Tout le temps où il ne dormait pas, où il n’était pas à table, où il ne courait pas derrière les jupes d’une gamine, s’écoulait à dresser ainsi ses oiseaux, à leur enfoncer dans le cerveau des exclamations de caserne, des brailleries de beuglant. Cet élevage difficile lui servait à payer ses frais d’amour, à acquitter ses dettes dans les alcôves nombreuses où il s’attardait de ci de là, comme s’il avait eu encore des reins souples de moussaillon.

(Mora, Gil Blas)

Pour combattre la flotte anglaise
Comme il faut plus d’un moussaillon,
J’en f’rons deux à ma Paimpolaise
En rentrant au pays breton !

(Théodore Botrel, La Paimpolaise)

Moutard

anon., 1827 / Raban et Saint-Hilaire, 1829 / Bras-de-Fer, 1829 : Enfant.

Delvau, 1866 : s. m.
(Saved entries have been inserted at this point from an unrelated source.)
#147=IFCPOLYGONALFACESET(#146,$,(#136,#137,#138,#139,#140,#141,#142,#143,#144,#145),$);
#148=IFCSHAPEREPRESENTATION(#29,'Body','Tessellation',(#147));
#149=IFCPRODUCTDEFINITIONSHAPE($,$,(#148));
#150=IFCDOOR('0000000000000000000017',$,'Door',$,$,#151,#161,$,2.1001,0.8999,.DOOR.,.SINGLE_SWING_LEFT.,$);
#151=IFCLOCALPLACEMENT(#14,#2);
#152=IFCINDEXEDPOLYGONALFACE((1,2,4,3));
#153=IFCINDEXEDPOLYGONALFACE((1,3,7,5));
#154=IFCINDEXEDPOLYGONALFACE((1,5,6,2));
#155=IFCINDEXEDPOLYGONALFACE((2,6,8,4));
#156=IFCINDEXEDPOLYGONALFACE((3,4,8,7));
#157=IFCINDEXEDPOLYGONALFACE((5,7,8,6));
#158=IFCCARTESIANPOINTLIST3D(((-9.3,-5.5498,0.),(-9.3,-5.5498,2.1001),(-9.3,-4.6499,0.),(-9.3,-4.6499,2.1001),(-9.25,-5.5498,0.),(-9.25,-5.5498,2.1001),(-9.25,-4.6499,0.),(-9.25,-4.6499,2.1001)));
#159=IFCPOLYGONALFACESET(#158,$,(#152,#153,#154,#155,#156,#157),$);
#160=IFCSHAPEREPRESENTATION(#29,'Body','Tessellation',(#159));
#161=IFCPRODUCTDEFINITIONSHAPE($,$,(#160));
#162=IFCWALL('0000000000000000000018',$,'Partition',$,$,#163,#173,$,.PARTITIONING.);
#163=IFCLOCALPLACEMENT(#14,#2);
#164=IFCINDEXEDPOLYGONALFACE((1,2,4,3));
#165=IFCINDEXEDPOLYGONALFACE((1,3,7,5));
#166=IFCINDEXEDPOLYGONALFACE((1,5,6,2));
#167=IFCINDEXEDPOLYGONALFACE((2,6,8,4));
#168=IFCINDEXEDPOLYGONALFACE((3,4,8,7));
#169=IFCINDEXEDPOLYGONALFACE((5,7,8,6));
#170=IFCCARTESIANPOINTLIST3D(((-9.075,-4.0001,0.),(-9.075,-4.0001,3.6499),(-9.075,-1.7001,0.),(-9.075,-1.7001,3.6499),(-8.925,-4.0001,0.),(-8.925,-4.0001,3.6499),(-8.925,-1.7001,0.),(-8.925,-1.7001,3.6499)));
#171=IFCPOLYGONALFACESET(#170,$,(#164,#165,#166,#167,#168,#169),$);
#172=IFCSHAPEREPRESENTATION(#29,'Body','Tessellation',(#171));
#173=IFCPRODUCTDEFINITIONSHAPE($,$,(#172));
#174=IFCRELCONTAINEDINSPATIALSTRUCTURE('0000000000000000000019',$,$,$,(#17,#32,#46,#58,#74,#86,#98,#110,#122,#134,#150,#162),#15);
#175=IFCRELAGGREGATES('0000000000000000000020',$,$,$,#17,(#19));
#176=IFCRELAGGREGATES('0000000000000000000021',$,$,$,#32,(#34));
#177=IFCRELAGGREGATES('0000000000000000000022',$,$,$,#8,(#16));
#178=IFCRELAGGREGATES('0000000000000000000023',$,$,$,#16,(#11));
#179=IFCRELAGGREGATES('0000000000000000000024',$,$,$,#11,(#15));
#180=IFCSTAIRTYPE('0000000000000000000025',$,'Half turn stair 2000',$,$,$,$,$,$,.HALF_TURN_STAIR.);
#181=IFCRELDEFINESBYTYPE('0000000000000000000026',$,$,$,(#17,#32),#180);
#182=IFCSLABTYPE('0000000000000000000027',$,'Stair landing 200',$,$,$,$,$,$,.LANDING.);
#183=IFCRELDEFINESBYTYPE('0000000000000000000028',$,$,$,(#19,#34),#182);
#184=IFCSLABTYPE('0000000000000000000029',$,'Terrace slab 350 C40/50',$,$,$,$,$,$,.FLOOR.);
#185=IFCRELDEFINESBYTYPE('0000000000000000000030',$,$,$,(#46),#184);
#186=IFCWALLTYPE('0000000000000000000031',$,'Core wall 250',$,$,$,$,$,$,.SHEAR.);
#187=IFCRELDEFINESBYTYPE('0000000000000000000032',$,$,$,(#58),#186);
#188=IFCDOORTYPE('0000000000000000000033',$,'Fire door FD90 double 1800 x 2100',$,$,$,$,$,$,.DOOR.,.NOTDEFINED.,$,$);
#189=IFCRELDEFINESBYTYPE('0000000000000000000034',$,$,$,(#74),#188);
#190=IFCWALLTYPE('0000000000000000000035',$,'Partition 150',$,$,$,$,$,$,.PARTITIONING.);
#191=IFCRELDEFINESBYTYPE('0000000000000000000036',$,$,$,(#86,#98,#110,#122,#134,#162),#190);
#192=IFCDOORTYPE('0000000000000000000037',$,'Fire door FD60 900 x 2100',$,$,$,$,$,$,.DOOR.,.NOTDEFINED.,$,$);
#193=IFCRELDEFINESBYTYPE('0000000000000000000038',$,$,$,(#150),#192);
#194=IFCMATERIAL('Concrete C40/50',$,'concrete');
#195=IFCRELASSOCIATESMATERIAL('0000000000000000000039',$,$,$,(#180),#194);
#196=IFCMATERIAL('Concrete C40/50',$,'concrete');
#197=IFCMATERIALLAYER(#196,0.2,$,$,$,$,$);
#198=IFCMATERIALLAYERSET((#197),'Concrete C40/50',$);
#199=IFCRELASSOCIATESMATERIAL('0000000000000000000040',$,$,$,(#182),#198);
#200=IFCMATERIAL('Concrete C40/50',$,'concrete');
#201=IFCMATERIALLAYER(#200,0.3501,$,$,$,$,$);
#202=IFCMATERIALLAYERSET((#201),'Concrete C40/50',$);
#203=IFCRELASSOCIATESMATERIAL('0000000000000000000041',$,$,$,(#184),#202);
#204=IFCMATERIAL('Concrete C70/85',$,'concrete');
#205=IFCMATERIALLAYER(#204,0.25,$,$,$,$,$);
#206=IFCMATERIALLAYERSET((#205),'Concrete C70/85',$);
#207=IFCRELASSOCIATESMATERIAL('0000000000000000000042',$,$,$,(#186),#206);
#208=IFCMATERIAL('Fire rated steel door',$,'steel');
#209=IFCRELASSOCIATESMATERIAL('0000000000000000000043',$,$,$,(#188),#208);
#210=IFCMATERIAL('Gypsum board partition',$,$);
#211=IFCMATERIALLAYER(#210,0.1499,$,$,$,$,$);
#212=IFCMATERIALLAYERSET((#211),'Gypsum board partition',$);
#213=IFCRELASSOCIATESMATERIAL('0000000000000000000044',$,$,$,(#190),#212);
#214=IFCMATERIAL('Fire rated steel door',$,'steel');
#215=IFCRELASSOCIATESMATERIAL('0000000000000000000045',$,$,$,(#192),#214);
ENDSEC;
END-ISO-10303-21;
Gamin, enfant, apprenti, — dans l’argot du peuple, qui, n’en déplaise à P. J. Leroux et à Francisque Michel, n’a eu qu’à regarder la chemise du premier polisson venu pour trouver cette expression.

France, 1907 : Petit garçon.

Au reste, si l’insolence envers la roture peut être admise comme preuve de noblesse, cette aristocratie de l’enfance en est possédée au plus haut degré, et l’égalité tant vantée du collège n’existe pas réellement. Ces patriciens superbes comprennent toute la plèbe qui les entoure sous la dénomination injurieuse de moutards ou de mômes et se livrent à leur égard à des extorsions et à des abus de pouvoir qui caractérisent un despotisme effréné.